Public Audit (Wales) Act 2004
- Parliament of the United Kingdom
- Long title: An Act to confer further functions on the Auditor General for Wales; to make provision about the audit of accounts of public bodies in Wales and related matters; to make provision about economy, efficiency and effectiveness in relation to public bodies and registered social landlords in Wales; and for connected purposes.
- Citation: 2004 c. 23
- Territorial extent: England and Wales, except that the amendment or repeal of a provision by this act has the same extent as the provision amended or repealed.

Dates
- Royal assent: 16 September 2004
- Commencement: various

Other legislation
- Amends: Local Government Act 1972; Housing Associations Act 1985; Airports Act 1986; Town and Country Planning Act 1990; Social Security Administration Act 1992; Health Service Commissioners Act 1993; Audit Commission Act 1998; Government of Wales Act 1998; Local Government Act 1999; Care Standards Act 2000; Health (Wales) Act 2003; Local Government Act 2003;
- Amended by: Constitutional Reform Act 2005; Public Audit (Wales) Act 2004 (Relaxation of Restriction on Disclosure) Order 2005; Health Act 2006; Government of Wales Act 2006; National Health Service (Consequential Provisions) Act 2006; Education and Inspections Act 2006; Police and Justice Act 2006; Offender Management Act 2007; Serious Crime Act 2007; Health and Social Care Act 2008; Offender Management Act 2007 (Consequential Amendments) Order 2008; Local Government (Wales) Measure 2009; Housing and Regeneration Act 2008; Housing and Regeneration Act 2008 (Consequential Provisions) Order 2010; Localism Act 2011; Police Reform and Social Responsibility Act 2011; Welfare Reform Act 2012; Public Bodies (Abolition of Her Majesty’s Inspectorate of Courts Administration and the Public Guardian Board) Order 2012; Crime and Courts Act 2013; Public Audit (Wales) Act 2013; Local Audit and Accountability Act 2014; Public Audit (Wales) Act 2013 (Consequential Amendments) Order 2014; Regulation and Inspection of Social Care (Wales) Act 2016; Investigatory Powers Act 2016; Data Protection Act 2018; Public Services Ombudsman (Wales) Act 2019; Local Government and Elections (Wales) Act 2021; Public Audit (Wales) Act 2004 (Amendment) (Local Government Bodies in Wales) Order 2021; Local Government and Elections (Wales) Act 2021 (Consequential Amendments) Regulations 2021; Local Government and Elections (Wales) Act 2021 (Consequential Amendments and Miscellaneous Provisions) Regulations 2021; Corporate Joint Committees (General) (No. 2) (Wales) Regulations 2021; Corporate Joint Committees (General) (No. 2) (Wales) Regulations 2022; Judicial Review and Courts Act 2022 (Magistrates’ Court Sentencing Powers) Regulations 2023; Legislative Reform (Disclosure of Adult Social Care Data) Order 2025;

Status: Amended

Text of statute as originally enacted

Revised text of statute as amended

Text of the Public Audit (Wales) Act 2004 as in force today (including any amendments) within the United Kingdom, from legislation.gov.uk.

= Public Audit (Wales) Act 2004 =

Act of the Parliament of the United Kingdom

The Public Audit (Wales) Act 2004 (c. 23) is an act of the Parliament of the United Kingdom relating to public audit in relation to Welsh devolution.

== Background ==
In 2002, the Welsh Government proposed that the functions of the National Audit Office in Wales and the functions of the Audit Commission in Wales be merged into a new audit body.

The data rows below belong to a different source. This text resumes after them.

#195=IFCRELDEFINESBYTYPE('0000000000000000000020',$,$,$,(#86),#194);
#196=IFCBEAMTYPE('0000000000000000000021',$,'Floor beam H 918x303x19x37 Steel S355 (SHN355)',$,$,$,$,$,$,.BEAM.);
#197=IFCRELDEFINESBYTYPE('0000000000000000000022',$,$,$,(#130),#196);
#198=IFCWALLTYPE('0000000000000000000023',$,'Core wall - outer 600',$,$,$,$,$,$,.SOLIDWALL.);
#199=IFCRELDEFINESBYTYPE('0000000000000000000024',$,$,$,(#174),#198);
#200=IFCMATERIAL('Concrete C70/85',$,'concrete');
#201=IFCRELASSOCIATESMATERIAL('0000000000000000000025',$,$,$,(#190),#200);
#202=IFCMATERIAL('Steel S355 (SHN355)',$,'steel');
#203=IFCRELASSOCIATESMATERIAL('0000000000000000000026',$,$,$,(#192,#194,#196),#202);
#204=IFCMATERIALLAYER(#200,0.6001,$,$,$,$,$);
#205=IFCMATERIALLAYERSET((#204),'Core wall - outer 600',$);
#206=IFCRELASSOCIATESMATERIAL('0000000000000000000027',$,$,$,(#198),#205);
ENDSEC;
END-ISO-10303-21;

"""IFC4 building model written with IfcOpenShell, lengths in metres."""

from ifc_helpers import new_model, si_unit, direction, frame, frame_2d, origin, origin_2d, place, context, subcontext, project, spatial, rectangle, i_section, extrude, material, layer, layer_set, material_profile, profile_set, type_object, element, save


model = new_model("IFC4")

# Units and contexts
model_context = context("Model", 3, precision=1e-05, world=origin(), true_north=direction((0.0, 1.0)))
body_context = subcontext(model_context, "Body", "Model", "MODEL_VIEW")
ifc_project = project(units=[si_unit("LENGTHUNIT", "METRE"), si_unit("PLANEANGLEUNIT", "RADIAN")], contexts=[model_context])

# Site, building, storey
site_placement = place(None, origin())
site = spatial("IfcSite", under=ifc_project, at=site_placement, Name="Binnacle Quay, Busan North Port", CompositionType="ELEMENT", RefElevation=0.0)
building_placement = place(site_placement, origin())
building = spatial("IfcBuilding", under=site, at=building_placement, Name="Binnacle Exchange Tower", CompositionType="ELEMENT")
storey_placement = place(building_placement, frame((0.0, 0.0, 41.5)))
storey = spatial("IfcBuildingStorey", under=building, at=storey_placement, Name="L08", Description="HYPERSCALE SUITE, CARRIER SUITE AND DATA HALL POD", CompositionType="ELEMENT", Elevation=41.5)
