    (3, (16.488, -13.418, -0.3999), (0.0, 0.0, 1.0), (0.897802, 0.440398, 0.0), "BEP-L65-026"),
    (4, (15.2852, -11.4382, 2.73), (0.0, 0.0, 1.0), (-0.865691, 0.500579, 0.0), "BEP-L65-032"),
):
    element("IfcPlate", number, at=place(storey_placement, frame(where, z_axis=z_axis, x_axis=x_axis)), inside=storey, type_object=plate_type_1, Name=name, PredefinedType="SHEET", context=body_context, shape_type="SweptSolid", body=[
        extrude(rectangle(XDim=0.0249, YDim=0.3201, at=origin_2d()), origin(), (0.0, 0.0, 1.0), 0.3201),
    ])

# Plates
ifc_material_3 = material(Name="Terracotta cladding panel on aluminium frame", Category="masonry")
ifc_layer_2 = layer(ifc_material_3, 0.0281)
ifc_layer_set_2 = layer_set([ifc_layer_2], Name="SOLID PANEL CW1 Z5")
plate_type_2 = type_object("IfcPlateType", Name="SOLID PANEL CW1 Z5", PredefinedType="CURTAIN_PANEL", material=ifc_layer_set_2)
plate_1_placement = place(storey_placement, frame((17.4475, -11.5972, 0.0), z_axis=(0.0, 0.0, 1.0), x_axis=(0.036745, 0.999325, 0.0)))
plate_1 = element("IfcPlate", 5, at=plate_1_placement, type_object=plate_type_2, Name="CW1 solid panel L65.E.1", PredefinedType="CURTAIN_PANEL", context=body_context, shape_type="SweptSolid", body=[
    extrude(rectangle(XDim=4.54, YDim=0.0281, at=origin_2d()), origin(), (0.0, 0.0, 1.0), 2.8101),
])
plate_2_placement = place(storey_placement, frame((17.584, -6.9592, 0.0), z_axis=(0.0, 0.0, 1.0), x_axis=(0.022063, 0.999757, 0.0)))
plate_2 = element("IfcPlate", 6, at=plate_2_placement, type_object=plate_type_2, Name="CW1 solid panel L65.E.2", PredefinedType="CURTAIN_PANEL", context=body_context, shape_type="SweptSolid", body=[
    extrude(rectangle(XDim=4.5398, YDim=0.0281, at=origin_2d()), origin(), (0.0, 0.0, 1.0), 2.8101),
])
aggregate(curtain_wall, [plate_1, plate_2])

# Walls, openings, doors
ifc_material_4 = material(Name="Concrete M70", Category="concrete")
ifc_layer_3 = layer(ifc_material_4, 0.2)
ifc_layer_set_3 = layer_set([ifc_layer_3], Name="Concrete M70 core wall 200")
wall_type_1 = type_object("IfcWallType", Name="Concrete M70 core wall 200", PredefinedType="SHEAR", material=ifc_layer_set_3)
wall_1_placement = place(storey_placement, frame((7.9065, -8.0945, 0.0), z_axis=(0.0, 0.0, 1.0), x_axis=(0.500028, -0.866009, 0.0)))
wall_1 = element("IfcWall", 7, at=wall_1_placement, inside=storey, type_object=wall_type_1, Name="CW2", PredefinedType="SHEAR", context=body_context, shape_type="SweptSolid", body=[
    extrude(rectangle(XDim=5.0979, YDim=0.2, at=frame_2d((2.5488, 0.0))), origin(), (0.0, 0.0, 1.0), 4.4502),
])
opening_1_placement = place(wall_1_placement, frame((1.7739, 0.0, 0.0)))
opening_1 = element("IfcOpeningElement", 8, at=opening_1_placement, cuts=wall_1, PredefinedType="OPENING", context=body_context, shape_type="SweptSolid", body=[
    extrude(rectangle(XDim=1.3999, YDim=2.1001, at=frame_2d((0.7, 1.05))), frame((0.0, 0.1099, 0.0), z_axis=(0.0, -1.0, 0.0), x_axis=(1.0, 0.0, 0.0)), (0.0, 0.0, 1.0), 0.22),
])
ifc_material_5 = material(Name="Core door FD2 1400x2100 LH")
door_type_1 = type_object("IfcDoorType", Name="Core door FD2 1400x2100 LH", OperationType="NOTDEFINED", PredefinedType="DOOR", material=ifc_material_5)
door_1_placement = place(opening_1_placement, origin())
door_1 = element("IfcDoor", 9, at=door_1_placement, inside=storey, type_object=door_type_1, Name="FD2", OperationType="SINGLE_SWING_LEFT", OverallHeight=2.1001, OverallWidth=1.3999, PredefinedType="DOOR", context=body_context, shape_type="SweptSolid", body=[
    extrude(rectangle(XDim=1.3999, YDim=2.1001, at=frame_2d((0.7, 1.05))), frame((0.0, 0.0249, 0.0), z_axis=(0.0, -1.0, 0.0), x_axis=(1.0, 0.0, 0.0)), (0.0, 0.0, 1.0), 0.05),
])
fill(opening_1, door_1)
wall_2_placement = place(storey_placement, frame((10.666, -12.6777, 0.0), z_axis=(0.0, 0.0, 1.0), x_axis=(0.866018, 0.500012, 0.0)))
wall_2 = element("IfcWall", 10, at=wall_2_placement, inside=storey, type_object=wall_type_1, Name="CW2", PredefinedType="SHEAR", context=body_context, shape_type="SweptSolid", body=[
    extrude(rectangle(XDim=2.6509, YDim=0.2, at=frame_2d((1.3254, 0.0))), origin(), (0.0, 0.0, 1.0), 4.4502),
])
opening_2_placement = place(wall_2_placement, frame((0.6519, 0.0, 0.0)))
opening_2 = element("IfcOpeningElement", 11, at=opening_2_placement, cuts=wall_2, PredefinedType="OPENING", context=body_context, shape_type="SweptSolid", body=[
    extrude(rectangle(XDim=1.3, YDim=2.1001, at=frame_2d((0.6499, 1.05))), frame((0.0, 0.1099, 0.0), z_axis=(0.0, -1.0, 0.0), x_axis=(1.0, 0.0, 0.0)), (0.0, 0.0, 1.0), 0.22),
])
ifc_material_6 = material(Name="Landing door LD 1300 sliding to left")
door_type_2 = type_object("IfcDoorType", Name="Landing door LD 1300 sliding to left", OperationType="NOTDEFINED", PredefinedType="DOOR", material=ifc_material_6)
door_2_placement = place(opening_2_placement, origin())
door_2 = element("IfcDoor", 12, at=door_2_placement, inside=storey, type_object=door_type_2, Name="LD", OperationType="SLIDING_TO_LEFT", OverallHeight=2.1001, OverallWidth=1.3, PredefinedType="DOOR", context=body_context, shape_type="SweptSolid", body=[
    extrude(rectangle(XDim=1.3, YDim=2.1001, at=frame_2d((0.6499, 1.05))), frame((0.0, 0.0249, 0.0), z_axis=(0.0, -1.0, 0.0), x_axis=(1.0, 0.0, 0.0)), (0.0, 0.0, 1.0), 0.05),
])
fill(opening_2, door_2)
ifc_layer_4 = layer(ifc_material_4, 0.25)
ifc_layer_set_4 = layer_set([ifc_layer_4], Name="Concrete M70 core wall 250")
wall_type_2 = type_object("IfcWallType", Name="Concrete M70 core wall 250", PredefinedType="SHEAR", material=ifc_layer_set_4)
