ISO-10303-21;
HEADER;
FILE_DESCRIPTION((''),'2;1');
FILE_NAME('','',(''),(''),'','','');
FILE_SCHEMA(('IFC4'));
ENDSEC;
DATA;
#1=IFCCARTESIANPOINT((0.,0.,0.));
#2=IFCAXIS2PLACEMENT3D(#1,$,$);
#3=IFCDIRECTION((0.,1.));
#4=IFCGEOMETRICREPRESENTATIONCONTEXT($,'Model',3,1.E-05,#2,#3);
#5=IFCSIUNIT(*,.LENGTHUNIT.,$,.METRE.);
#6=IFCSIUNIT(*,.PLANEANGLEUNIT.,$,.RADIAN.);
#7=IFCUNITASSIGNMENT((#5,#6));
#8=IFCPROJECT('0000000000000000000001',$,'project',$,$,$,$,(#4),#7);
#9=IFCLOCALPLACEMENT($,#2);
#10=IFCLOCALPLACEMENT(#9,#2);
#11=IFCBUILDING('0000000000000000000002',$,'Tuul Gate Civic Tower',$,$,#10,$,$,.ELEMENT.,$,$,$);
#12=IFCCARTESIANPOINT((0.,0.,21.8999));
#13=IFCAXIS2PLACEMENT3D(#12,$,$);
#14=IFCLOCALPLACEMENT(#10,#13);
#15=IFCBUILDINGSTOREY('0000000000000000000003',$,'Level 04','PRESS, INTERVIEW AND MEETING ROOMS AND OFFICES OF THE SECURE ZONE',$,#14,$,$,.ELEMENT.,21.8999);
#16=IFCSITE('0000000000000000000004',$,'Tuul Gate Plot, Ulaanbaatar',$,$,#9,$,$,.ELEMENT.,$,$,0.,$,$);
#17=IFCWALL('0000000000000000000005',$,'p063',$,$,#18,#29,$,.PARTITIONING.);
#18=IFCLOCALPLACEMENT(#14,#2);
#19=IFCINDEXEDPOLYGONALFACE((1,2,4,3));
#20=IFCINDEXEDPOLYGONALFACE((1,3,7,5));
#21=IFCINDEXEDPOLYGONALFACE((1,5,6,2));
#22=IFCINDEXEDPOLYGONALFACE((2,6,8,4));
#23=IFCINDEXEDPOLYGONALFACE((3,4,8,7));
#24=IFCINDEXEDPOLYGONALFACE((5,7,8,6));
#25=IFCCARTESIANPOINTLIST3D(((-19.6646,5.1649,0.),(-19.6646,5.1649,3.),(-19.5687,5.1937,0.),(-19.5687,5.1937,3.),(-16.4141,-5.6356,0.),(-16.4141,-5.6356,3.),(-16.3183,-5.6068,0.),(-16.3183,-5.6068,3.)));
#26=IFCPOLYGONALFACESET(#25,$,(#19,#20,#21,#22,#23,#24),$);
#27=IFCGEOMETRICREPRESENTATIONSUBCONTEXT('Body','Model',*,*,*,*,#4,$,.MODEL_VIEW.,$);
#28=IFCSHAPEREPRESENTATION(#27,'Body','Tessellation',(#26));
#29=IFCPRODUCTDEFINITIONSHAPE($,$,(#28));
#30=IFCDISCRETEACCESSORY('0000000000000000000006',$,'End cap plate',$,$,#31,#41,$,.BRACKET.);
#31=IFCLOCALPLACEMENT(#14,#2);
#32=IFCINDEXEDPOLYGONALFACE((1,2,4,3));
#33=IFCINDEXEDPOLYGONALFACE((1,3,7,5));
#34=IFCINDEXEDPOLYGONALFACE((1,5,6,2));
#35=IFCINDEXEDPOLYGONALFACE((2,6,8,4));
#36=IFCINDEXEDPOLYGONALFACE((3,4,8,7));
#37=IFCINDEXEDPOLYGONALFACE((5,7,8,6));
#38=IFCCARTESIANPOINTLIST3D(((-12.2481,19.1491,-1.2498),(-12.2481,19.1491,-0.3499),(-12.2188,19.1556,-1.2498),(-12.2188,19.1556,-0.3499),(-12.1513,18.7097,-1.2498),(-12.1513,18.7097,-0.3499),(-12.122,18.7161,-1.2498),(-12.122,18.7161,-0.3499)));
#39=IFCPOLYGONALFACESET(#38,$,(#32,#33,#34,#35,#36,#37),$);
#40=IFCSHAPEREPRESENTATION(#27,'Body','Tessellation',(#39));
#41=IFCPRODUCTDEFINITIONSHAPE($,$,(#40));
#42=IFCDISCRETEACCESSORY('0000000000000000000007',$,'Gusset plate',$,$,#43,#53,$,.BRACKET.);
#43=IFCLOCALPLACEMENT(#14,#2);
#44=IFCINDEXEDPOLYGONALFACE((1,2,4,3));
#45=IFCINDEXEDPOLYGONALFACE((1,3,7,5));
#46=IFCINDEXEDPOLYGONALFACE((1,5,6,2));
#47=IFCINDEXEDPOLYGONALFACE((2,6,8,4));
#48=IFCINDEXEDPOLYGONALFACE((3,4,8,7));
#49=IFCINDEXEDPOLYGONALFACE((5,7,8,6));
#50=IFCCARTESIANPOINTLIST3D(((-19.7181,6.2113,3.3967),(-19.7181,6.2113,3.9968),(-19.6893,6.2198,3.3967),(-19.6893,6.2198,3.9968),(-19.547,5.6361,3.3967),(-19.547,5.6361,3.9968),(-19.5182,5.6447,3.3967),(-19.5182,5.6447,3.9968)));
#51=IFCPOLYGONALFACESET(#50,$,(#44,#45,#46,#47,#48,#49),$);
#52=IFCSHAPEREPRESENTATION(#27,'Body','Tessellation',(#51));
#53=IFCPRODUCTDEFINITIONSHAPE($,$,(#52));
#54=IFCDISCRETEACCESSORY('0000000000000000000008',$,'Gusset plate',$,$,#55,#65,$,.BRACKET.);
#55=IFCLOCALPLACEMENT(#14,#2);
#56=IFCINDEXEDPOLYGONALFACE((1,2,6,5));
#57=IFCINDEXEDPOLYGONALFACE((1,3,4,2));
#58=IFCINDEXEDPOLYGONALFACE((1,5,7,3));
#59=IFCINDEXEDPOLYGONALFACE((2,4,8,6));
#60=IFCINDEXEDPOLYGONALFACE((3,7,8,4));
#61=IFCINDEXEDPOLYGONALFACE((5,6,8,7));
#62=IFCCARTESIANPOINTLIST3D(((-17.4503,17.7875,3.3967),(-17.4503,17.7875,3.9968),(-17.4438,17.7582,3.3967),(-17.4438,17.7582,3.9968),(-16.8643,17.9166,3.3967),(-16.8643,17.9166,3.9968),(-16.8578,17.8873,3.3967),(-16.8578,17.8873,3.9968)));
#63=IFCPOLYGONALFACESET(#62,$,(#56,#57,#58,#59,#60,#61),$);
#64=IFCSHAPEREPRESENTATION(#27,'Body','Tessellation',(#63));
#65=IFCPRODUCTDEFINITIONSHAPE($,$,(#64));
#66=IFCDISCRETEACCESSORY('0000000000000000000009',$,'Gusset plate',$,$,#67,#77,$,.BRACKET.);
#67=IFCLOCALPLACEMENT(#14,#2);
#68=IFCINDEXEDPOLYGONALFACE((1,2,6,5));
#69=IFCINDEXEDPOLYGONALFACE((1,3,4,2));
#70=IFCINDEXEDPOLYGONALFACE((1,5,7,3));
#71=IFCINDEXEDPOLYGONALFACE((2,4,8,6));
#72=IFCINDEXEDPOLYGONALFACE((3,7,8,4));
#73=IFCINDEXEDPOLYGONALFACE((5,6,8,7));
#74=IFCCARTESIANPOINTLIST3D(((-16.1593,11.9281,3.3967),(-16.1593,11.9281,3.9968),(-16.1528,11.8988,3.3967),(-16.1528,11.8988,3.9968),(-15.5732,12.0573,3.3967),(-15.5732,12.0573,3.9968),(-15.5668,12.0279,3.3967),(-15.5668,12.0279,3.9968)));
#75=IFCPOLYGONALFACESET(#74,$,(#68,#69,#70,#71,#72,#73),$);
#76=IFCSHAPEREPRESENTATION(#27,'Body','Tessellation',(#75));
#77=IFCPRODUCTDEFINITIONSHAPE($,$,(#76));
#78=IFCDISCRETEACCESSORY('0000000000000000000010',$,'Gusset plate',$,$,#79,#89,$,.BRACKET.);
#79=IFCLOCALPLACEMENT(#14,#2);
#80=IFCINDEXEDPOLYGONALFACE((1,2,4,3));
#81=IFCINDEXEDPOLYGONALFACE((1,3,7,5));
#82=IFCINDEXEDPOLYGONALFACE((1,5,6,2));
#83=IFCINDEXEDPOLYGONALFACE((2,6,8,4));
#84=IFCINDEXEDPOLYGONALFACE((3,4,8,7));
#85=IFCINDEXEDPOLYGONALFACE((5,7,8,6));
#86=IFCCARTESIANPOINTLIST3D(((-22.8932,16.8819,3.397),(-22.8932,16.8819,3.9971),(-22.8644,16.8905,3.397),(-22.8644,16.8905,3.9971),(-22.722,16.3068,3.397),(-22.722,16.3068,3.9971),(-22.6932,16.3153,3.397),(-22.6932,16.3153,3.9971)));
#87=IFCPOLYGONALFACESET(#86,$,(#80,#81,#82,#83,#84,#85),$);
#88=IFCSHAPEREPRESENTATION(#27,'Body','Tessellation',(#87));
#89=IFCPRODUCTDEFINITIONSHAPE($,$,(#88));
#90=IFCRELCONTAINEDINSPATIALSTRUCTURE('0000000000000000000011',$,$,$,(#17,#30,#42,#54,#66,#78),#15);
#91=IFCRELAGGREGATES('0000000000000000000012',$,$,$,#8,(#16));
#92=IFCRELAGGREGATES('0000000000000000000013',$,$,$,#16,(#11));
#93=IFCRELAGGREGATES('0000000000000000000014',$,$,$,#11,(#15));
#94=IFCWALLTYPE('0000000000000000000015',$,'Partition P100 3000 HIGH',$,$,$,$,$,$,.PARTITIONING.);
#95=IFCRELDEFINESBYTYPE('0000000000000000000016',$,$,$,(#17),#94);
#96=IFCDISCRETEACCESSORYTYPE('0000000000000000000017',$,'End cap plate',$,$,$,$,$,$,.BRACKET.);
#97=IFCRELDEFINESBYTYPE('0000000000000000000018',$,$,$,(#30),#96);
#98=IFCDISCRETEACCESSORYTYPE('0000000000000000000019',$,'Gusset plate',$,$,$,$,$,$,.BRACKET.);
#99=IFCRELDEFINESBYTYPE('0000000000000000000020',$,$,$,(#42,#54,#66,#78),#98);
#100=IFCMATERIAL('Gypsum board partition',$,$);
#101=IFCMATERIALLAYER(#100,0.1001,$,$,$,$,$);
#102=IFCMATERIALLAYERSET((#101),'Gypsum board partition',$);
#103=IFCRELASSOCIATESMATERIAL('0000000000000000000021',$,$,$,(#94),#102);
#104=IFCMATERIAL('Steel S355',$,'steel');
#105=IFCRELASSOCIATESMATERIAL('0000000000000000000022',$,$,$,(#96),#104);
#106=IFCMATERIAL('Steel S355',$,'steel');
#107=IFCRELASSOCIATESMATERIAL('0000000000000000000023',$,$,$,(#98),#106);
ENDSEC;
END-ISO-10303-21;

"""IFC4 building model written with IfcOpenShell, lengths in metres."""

from ifc_helpers import new_model, si_unit, direction, frame, frame_2d, origin, origin_2d, place, context, subcontext, project, spatial, rectangle, extrude, material, layer, layer_set, type_object, element, save


model = new_model("IFC4")

# Units and contexts
model_context = context("Model", 3, precision=1e-05, world=origin(), true_north=direction((0.0, 1.0)))
body_context = subcontext(model_context, "Body", "Model", "MODEL_VIEW")
ifc_project = project(units=[si_unit("LENGTHUNIT", "METRE"), si_unit("PLANEANGLEUNIT", "RADIAN")], contexts=[model_context])

# Site, building, storey
site_placement = place(None, origin())
site = spatial("IfcSite", under=ifc_project, at=site_placement, Name="Tuul Gate Plot, Ulaanbaatar", CompositionType="ELEMENT", RefElevation=0.0)
building_placement = place(site_placement, origin())
building = spatial("IfcBuilding", under=site, at=building_placement, Name="Tuul Gate Civic Tower", CompositionType="ELEMENT")
storey_placement = place(building_placement, frame((0.0, 0.0, 21.8999)))
storey = spatial("IfcBuildingStorey", under=building, at=storey_placement, Name="Level 04", Description="PRESS, INTERVIEW AND MEETING ROOMS AND OFFICES OF THE SECURE ZONE", CompositionType="ELEMENT", Elevation=21.8999)

# Wall
ifc_material_1 = material(Name="Gypsum board partition")
ifc_layer_1 = layer(ifc_material_1, 0.1001)
ifc_layer_set_1 = layer_set([ifc_layer_1], Name="Gypsum board partition")
wall_type_1 = type_object("IfcWallType", Name="Partition P100 3000 HIGH", PredefinedType="PARTITIONING", material=ifc_layer_set_1)
wall_1_placement = place(storey_placement, frame((-19.6167, 5.1794, 0.0), z_axis=(0.0, 0.0, 1.0), x_axis=(0.288188, -0.957574, 0.0)))
element("IfcWall", 1, at=wall_1_placement, inside=storey, type_object=wall_type_1, Name="p063", PredefinedType="PARTITIONING", context=body_context, shape_type="SweptSolid", body=[
    extrude(rectangle(XDim=11.2791, YDim=0.1001, at=frame_2d((5.6396, 0.0))), origin(), (0.0, 0.0, 1.0), 3.0),
])

# Discrete accessories
ifc_material_2 = material(Name="Steel S355", Category="steel")
discrete_accessory_type_1 = type_object("IfcDiscreteAccessoryType", Name="End cap plate", PredefinedType="BRACKET", material=ifc_material_2)
discrete_accessory_placement = place(storey_placement, frame((-12.1851, 18.9326, -1.2498), z_axis=(0.0, 0.0, 1.0), x_axis=(-0.976567, -0.215215, 0.0)))
element("IfcDiscreteAccessory", 2, at=discrete_accessory_placement, inside=storey, type_object=discrete_accessory_type_1, Name="End cap plate", PredefinedType="BRACKET", context=body_context, shape_type="SweptSolid", body=[
    extrude(rectangle(XDim=0.03, YDim=0.45, at=origin_2d()), origin(), (0.0, 0.0, 1.0), 0.8999),
])
ifc_material_3 = material(Name="Steel S355", Category="steel")
discrete_accessory_type_2 = type_object("IfcDiscreteAccessoryType", Name="Gusset plate", PredefinedType="BRACKET", material=ifc_material_3)
for number, where, z_axis, x_axis, name in (
    (3, (-19.6182, 5.928, 3.3967), (0.0, 0.0, 1.0), (-0.285196, 0.958469, 0.0), "Gusset plate"),
    (4, (-17.1541, 17.8374, 3.3967), (0.0, 0.0, 1.0), (0.976567, 0.215215, 0.0), "Gusset plate"),
    (5, (-15.863, 11.978, 3.3967), (0.0, 0.0, 1.0), (0.976569, 0.215205, 0.0), "Gusset plate"),
    (6, (-22.7932, 16.5986, 3.397), (0.0, 0.0, 1.0), (0.285196, -0.958469, 0.0), "Gusset plate"),
):
    element("IfcDiscreteAccessory", number, at=place(storey_placement, frame(where, z_axis=z_axis, x_axis=x_axis)), inside=storey, type_object=discrete_accessory_type_2, Name=name, PredefinedType="BRACKET", context=body_context, shape_type="SweptSolid", body=[
        extrude(rectangle(XDim=0.6001, YDim=0.03, at=origin_2d()), origin(), (0.0, 0.0, 1.0), 0.6001),
    ])

save(model, "model.ifc")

These proposals were approved by the National Assembly. In 2003, the draft bill was published.

== Provisions ==
The act merges the functions of the National Audit Office in Wales and the functions of the Audit Commission in Wales into a new audit body.

The Code of Audit and Inspection Practice is prepared by the Auditor General for Wales under the act.

===Commencement===

The following commencement orders have been made for this act:

- Public Audit (Wales) Act 2004 (Commencement No. 1) Order 2005 (SI 2005/71)
- Public Audit (Wales) Act 2004 (Commencement No. 2 and Transitional Provisions and Savings) Order 2005 (SI 2005/558)
- Public Audit (Wales) Act 2004 (Commencement No. 3) Order 2005] (SI 2005/1911)

== Further developments ==
The Wales Audit Office was established in 2005.

== Reception ==
The Welsh Local Government criticised the publication of the draft bill, because there had been no consultation.